First-Principles Electronegativity Scale from the Atomic Mean Inner Potential

TL;DR

This paper introduces a universal electronegativity scale based on the atomic mean inner potential, linking quantum-mechanical properties to chemical behavior and outperforming previous methods in predictive tasks.

Contribution

The work presents a new electronegativity scale derived from first-principles atomic properties, providing a physically grounded, predictive, and universally applicable descriptor.

Findings

Excellent agreement with established scales.

Successfully classifies bonding types across 358 compounds.

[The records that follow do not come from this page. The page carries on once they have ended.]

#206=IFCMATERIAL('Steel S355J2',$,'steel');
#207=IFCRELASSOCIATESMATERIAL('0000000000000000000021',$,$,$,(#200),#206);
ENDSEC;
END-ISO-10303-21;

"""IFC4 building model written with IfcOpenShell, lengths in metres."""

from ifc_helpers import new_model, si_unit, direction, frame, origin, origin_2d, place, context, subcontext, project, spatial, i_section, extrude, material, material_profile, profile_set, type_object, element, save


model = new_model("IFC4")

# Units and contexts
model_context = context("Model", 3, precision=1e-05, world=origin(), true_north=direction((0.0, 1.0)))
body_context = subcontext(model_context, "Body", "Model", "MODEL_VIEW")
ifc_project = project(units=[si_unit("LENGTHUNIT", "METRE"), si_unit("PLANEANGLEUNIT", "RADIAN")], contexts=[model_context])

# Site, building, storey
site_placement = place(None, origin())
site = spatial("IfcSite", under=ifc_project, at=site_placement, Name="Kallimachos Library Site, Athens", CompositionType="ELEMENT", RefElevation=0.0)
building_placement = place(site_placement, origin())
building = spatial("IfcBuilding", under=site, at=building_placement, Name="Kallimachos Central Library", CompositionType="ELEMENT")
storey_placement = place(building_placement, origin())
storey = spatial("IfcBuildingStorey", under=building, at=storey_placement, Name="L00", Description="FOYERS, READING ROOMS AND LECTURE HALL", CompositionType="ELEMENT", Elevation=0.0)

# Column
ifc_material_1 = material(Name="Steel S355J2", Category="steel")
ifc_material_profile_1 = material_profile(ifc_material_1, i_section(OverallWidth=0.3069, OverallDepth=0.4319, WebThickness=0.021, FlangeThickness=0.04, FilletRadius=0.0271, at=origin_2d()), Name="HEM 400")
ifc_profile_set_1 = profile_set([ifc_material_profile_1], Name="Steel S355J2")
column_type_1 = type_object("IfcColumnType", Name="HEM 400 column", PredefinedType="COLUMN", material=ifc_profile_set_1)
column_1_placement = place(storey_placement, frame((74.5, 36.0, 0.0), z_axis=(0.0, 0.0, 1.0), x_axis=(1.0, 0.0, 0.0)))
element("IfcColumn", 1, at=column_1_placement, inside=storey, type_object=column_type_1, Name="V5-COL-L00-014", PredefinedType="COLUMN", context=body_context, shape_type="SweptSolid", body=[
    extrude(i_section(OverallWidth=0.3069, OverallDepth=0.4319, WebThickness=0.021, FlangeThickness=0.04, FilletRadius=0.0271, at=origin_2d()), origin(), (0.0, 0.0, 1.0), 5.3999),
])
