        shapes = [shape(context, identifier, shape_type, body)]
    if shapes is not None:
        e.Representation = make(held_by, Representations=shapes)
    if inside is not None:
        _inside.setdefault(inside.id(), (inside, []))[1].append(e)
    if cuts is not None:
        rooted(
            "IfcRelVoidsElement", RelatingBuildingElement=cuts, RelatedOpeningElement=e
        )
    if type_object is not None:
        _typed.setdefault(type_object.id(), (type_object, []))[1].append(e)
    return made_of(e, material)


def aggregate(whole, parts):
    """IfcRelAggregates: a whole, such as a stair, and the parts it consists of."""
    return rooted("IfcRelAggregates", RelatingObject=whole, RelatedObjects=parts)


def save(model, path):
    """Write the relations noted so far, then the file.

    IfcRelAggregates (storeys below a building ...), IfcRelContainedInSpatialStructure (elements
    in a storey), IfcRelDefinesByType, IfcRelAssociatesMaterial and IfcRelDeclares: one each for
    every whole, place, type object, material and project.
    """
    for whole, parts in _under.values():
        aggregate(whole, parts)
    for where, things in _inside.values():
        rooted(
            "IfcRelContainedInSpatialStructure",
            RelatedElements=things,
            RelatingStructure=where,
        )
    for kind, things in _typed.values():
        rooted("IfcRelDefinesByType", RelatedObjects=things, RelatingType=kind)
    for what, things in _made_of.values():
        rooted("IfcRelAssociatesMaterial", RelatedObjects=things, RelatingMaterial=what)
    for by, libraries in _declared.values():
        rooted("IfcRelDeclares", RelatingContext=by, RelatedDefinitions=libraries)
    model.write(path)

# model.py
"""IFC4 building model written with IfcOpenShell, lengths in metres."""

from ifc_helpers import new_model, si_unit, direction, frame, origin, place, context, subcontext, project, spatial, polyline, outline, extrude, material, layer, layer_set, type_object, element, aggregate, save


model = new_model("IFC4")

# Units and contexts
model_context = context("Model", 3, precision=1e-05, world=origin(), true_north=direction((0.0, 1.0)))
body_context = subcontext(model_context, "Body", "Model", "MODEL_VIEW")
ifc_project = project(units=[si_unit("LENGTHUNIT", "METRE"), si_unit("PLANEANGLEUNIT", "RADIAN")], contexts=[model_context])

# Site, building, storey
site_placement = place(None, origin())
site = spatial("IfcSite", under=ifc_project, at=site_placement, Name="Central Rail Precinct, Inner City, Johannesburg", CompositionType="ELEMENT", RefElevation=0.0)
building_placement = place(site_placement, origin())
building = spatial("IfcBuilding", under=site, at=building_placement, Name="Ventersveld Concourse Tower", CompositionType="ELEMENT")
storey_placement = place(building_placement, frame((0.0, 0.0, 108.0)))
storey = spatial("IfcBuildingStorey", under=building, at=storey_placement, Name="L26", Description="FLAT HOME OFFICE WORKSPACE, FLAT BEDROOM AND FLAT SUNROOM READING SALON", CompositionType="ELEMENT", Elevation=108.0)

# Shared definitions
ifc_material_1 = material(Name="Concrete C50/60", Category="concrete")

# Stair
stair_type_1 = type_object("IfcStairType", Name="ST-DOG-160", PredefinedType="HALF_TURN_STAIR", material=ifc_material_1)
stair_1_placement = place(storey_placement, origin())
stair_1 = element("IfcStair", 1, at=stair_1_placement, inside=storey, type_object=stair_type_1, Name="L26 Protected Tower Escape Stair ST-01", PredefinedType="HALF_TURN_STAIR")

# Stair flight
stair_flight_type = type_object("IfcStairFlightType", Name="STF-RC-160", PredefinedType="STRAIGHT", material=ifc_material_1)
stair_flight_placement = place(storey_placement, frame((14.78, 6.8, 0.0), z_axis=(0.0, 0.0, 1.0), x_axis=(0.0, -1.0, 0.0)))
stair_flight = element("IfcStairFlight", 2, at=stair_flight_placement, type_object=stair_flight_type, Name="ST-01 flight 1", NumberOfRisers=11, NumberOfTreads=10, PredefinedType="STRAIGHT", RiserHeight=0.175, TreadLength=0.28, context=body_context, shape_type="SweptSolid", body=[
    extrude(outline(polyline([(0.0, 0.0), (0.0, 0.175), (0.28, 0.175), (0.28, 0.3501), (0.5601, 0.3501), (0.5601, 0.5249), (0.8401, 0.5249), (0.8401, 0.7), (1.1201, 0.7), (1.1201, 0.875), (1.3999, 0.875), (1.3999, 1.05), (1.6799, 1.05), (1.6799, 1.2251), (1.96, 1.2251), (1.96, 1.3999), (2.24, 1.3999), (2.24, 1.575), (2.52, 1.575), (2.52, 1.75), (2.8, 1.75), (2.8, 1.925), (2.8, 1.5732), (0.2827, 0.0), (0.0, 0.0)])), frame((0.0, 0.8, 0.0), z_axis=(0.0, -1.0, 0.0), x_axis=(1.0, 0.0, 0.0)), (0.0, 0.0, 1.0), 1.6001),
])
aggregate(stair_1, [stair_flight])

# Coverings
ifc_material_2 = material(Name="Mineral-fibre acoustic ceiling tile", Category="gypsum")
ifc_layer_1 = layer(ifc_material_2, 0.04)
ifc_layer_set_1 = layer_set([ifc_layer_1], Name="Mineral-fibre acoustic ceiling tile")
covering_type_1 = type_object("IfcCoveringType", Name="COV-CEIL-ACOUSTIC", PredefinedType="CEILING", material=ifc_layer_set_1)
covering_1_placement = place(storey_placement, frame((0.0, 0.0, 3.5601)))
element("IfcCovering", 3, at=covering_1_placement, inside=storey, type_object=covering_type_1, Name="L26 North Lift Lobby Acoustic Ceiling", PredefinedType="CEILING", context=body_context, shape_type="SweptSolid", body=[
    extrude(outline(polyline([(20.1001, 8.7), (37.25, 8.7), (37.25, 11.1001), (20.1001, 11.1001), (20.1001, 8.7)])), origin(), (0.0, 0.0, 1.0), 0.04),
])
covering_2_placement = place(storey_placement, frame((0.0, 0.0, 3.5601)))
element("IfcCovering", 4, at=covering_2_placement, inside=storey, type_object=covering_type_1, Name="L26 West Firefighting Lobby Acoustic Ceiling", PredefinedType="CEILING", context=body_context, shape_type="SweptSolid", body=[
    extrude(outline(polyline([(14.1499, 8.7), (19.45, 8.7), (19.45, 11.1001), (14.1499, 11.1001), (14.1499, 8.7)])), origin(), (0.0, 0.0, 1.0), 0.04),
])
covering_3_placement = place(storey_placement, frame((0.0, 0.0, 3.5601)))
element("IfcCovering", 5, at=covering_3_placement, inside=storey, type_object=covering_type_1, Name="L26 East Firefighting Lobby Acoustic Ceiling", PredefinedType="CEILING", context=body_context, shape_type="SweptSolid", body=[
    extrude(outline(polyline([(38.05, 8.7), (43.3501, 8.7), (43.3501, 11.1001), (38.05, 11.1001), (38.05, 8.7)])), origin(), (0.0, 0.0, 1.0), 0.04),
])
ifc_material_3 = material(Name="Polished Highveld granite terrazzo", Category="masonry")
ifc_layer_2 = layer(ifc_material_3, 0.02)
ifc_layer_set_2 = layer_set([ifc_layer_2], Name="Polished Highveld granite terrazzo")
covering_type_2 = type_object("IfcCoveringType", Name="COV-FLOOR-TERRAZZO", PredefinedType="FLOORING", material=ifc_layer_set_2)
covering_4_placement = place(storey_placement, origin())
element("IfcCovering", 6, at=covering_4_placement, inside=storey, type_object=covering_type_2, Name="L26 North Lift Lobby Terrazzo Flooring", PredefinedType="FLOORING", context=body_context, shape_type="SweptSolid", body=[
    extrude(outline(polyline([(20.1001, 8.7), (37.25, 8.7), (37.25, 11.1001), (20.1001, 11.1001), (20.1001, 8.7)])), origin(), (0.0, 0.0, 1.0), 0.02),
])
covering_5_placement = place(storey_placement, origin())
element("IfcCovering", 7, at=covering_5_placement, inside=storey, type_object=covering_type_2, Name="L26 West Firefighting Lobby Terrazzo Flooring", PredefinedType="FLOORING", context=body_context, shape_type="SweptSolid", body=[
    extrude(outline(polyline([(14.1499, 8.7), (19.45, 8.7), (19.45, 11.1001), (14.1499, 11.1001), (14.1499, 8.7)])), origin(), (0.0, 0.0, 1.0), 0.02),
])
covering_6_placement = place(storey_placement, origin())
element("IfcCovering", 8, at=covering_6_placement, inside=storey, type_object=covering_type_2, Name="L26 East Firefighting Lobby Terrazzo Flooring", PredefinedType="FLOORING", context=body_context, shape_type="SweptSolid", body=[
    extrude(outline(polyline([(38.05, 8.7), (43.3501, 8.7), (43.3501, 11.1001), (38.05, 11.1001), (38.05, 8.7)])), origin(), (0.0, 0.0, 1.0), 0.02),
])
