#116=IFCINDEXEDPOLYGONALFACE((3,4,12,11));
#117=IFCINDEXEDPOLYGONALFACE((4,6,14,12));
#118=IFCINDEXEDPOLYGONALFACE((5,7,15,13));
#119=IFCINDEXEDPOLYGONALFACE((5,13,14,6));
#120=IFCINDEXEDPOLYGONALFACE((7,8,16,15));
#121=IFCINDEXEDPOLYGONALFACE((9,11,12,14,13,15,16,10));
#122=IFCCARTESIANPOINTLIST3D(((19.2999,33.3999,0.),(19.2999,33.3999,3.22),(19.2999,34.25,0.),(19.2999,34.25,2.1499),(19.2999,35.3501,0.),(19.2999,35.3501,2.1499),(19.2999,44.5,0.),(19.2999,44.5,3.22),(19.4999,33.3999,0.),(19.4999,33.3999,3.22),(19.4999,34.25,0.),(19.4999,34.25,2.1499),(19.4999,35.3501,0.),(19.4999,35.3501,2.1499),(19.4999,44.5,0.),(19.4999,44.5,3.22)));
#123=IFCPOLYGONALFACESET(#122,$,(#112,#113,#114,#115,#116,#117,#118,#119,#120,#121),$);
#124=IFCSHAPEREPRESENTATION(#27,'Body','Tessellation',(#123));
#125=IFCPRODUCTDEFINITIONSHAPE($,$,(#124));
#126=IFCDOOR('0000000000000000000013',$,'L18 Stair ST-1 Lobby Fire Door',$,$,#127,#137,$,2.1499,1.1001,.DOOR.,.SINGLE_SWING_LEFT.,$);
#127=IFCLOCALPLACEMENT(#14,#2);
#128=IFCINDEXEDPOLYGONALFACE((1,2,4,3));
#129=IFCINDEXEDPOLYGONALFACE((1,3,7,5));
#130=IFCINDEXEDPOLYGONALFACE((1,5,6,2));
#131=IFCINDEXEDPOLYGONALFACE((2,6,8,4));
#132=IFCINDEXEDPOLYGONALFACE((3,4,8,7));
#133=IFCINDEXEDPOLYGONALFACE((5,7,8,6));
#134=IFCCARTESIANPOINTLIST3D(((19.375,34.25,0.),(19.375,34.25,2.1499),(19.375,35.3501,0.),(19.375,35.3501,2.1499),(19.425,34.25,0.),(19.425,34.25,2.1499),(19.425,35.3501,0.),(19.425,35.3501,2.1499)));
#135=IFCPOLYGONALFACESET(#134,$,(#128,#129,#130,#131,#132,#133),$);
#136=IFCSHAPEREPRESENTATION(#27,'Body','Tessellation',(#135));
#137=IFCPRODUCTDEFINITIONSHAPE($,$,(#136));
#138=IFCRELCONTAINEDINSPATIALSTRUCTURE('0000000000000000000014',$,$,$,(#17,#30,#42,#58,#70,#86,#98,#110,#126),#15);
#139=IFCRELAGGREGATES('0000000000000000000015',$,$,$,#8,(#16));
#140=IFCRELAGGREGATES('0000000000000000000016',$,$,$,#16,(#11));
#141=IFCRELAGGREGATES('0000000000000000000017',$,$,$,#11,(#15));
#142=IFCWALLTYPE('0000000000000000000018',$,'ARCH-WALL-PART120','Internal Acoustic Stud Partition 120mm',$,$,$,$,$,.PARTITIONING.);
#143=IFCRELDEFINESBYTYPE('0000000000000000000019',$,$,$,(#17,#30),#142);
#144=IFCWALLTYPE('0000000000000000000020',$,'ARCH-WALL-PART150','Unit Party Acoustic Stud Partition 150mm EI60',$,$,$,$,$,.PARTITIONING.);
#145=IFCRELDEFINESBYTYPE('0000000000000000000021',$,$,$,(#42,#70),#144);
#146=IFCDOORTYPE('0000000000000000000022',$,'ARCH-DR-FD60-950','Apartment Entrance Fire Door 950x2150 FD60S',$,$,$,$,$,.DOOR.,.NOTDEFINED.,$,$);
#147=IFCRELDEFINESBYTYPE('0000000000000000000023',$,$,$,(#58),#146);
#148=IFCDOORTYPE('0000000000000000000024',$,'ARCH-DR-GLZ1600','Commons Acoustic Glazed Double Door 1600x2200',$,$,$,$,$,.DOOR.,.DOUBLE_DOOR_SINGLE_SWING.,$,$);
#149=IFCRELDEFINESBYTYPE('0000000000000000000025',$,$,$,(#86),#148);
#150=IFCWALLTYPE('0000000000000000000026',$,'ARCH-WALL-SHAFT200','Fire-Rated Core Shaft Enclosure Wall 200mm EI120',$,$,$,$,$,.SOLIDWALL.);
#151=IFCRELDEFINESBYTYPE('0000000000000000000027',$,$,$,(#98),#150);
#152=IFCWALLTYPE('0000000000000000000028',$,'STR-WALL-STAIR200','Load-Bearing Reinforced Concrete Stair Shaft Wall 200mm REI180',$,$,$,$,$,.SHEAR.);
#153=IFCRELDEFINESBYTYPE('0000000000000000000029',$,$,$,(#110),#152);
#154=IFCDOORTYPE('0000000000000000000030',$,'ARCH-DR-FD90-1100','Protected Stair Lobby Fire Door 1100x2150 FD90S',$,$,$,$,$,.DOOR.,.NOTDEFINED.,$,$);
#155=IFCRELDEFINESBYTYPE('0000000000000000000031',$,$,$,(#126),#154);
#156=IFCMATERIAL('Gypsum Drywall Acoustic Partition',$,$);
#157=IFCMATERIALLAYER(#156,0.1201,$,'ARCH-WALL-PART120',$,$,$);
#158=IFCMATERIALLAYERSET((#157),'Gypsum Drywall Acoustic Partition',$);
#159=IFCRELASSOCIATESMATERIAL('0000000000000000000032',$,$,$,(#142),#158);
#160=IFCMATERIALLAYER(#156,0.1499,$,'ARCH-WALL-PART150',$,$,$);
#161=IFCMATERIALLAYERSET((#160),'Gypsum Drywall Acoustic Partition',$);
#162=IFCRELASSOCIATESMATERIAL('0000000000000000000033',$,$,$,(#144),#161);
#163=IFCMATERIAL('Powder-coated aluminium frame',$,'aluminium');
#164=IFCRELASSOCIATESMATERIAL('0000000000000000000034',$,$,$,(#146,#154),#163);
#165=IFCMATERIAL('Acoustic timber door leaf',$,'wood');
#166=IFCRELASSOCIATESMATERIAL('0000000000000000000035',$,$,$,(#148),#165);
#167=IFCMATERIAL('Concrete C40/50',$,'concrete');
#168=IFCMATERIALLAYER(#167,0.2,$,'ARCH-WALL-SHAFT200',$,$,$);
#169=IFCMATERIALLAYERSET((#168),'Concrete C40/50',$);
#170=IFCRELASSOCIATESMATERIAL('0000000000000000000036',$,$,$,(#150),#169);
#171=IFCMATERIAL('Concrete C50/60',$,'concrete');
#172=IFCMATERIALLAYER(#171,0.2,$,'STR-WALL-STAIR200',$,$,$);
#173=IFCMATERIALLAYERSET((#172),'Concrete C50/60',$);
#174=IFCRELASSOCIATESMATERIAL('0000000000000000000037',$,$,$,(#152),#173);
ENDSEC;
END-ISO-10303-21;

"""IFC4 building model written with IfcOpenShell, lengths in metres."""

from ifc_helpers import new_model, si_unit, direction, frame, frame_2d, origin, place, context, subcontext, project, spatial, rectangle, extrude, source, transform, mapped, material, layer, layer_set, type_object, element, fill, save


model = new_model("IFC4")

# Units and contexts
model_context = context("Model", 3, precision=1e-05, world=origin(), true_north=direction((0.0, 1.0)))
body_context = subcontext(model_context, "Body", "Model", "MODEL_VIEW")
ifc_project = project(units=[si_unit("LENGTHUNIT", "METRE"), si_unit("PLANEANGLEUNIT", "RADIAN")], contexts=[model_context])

Accurately predicts Lewis acid strengths and gamma-ray spectral widths.

Abstract

Electronegativity is a cornerstone of chemical intuition, essential for rationalizing bonding, reactivity, and material properties. However, prevailing scales remain empirically derived, often relying on parameterized models or composite physical quantities. In this work, we introduce a universal electronegativity scale founded on the atomic mean inner potential (AMIP), also known as the average Coulomb potential, a fundamental, quantum-mechanical property accessible through both first-principles computation and electron-scattering experiments. Our scale, denoted $\chi_{\mathrm{AMIP},p}$, is an analytic function of just three ground-state atomic descriptors and carries explicit physical units. It demonstrates excellent agreement with established scales and successfully classifies bonding types across 358 compounds, including adherence to the metalloid ``Si rule". Beyond replicating known trends, $\chi_{\mathrm{AMIP,1/2}}$ proves to be a powerful predictive tool, accurately determining Lewis acid strengths for over 14,000 coordination environments ($R^2=0.93$) and $\gamma$-ray annihilation spectral widths for 36 elements ($R^2=0.97$), outperforming previous methods. By linking electronegativity directly to a measurable quantum property, this work provides a unified and predictive descriptor for electronic structure and chemical behavior across the periodic table.